# Do allot of ppl with dp/dr have an high IQ?



## christeltje (Oct 8, 2011)

My iq was tested and they say i have an (very)high iq, and because allot of ppl in the chatroom are in university. 
Do allot of ppl with dp/dr have an high iq?

But you probably werent all tested, but do you think you are more intelligent than most ppl?

And i must say, i didnt write this to brag, i really hate it, that thats why i have problems connecting to ppl too.


----------



## austinsaliby (Sep 7, 2011)

I do think that people with dp/dr are more intelligent than others. However, I don't really buy into the IQ test at all.


----------



## Relaxation (Aug 23, 2010)

well alot of people i know call me google, because of the stuff i know but i dont car id rather be stupid and not have this condition!


----------



## KRT (Apr 11, 2011)

People can be intelligent in a variety of ways. For example, (no offense intended OP) but unless English is not your first language, your grammar in this thread is pretty bad. Though you may be intelligent in other ways.

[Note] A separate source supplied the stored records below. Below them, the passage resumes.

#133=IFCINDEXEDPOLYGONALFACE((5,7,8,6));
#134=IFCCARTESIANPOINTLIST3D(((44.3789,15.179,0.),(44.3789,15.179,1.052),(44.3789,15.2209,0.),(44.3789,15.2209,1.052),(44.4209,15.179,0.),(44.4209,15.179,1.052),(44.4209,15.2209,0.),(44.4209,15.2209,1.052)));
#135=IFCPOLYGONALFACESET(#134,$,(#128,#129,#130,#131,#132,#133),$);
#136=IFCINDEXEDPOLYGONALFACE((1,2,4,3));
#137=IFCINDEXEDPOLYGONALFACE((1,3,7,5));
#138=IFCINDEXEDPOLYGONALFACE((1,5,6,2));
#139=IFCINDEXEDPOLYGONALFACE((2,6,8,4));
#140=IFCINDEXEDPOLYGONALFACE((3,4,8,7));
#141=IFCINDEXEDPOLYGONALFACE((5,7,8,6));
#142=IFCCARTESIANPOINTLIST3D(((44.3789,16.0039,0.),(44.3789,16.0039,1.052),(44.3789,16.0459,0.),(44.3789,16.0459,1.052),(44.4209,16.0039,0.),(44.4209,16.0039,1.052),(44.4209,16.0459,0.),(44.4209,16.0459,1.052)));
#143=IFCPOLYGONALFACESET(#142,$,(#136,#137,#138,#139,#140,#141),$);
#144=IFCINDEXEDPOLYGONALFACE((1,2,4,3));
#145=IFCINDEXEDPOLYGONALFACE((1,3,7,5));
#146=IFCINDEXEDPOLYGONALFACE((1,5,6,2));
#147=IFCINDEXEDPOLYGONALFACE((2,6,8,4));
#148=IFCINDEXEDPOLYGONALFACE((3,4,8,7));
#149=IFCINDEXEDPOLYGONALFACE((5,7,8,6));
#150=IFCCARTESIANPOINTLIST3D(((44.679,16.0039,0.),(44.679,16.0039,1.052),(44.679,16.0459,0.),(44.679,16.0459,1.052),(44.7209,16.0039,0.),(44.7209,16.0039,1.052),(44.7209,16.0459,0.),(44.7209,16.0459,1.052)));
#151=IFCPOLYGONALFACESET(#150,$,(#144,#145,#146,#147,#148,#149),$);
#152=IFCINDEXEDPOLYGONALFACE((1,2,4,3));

Through the years I've proven time and time again that I'm very intelligent in some regards, such as logic, reasoning and numbers. I also seem to lack intelligence, or possibly capacity to care in other regards. For example, I'm about as awful as can be when it comes to remembering people's names, street names, dates, etc. I've always been good at playing music by ear, but awful at following sheet music. I've become a pretty good home cook in terms of technique and just 'winging it', but if I want to follow a recipe, even if I've made it 20 times before, I have to reread the ingredients list and instructions to remind myself.

I think my highly logical brain is a lot of the reason I suffer from anxiety and DP. Growing up, and even still today, I find myself constantly trapped in my own thoughts, always trying to reason with myself or solve some problem. For example, how I should resolve some situation at work, or what should I say to a friend about a touchy subject, or is it fair that a friend of mine is asking this or that of me, or should I buy this item or that item - what's the better value. The sorts of things that most people just say 'whatever' to and move on, my brain automatically tries to dissect and come up with a 'correct' answer, even when there is no truly correct answer. In the last few months I've been learning to recognize when I'm trapped in these thoughts, and force myself to stop whatever I'm doing and focus back on the simpler things in life - especially those in my external environment.


----------



## MrSpock2 (Mar 16, 2011)

I think that smart people have overly analytical minds and that most suffer from some sort of mental illness or strain during their lifetime; the examples range from Nikola Tesla to Sheldon Cooper. I think it may also not be smart people necessarily, but rather creative thinkers. I know from personal experience that I don't think the same way as other people, and I'm convinced that that has something to do with my anxiety and DP.


----------



## anarkii (Jul 2, 2011)

I find "intelligence" a very fuzzy and often misused/abused concept.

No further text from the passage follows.